Manuel Cabezas Velasco.- El regreso de Sancho a Ciudad Real estuvo lleno de cautela antes de reencontrarse con su familia. Primero trataría de buscar a aquellos que habían resultado de inestimable ayuda para no caer en las garras de sus perseguidores. Sus amigos Diego de Villarreal y Rodrigo de Oviedo eran el objetivo. Para ello debía encaminarse a Almagro. En dicha villa, las respectivas familias gozaban de gran protección tanto de la comunidad hebraica como de la Orden de Calatrava. Eran tiempos en los que toda precaución era poca y los riesgos a asumir debían ser los mínimos posibles.
Aunque Diego había sido su socio principal en el arrendamiento de alcabalas y tercias desde hace mucho tiempo, el primer paso que quiso dar Sancho era el de encontrarse con Rodrigo.

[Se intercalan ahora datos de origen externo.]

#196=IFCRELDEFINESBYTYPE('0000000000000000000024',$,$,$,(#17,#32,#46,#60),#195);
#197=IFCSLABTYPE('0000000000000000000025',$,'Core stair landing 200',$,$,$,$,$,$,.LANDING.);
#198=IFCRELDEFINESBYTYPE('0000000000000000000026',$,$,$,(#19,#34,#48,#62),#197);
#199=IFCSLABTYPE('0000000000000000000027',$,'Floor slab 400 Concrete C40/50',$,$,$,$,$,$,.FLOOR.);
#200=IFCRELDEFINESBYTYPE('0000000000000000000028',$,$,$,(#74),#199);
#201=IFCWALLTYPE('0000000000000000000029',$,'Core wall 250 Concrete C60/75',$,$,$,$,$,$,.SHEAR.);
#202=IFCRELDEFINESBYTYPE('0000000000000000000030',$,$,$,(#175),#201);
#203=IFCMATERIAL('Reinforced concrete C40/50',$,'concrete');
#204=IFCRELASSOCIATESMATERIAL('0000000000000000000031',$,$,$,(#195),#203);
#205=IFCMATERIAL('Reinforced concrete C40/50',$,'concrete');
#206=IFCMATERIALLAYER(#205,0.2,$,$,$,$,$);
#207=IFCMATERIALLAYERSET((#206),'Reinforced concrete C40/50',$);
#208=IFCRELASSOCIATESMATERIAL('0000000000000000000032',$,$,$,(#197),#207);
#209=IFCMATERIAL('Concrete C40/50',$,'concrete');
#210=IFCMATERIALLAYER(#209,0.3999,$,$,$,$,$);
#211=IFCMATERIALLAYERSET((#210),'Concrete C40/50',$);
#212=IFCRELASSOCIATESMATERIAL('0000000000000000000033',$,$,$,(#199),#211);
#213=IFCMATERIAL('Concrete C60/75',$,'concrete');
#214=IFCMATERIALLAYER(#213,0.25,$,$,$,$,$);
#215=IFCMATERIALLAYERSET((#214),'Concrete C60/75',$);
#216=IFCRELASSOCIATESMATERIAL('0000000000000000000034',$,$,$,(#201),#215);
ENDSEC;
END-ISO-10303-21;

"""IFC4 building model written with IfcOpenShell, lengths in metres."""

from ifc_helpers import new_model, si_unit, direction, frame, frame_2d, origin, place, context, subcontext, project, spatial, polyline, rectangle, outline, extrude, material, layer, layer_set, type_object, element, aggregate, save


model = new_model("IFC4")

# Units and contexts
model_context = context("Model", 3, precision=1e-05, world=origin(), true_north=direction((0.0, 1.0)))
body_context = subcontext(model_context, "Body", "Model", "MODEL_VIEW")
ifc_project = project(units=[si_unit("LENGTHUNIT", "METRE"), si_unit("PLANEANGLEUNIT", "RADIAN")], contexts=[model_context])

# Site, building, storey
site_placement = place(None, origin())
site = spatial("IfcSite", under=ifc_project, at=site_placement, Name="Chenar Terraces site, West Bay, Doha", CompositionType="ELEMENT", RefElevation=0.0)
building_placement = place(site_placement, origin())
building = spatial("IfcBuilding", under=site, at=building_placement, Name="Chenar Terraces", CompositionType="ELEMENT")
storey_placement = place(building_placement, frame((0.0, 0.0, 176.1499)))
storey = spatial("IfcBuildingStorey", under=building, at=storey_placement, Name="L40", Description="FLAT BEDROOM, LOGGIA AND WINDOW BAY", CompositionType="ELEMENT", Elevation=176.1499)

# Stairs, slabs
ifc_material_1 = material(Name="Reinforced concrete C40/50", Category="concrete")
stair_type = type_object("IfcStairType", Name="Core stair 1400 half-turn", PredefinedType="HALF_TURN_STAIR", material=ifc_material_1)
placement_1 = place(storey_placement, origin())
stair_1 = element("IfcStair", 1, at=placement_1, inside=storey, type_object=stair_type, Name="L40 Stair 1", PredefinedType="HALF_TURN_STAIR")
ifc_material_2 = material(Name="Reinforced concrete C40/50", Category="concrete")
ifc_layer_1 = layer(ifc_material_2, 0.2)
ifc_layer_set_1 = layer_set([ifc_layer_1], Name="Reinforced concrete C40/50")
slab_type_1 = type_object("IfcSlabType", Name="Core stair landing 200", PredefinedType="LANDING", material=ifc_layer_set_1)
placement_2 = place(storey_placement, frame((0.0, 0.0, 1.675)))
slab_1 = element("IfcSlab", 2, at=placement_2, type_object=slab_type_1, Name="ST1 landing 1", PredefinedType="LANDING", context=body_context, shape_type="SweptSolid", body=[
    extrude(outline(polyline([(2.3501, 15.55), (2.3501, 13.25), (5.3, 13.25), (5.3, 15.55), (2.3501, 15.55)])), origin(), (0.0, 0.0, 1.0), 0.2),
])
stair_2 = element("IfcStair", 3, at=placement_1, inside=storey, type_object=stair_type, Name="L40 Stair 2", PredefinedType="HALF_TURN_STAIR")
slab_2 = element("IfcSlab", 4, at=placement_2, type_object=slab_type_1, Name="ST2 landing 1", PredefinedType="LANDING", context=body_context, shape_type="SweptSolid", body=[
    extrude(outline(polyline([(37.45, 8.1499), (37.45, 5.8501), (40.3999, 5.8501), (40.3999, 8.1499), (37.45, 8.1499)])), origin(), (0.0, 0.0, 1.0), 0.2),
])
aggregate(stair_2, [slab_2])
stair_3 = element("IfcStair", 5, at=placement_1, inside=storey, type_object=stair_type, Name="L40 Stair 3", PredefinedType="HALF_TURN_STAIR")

El de los Oviedo era no sólo su socio sino criado del Maestre, sin cuya protección la comunidad judeoconversa corría serio peligro de caer en las manos y las espadas de los cristianos viejos, aquellos que eran conocidos como lindos.
El deseo de Sancho de volver a estar con los suyos era muy fuerte, mas los tiempos de traiciones hasta de los más cercanos hacían imperiosa la prudencia en su regreso.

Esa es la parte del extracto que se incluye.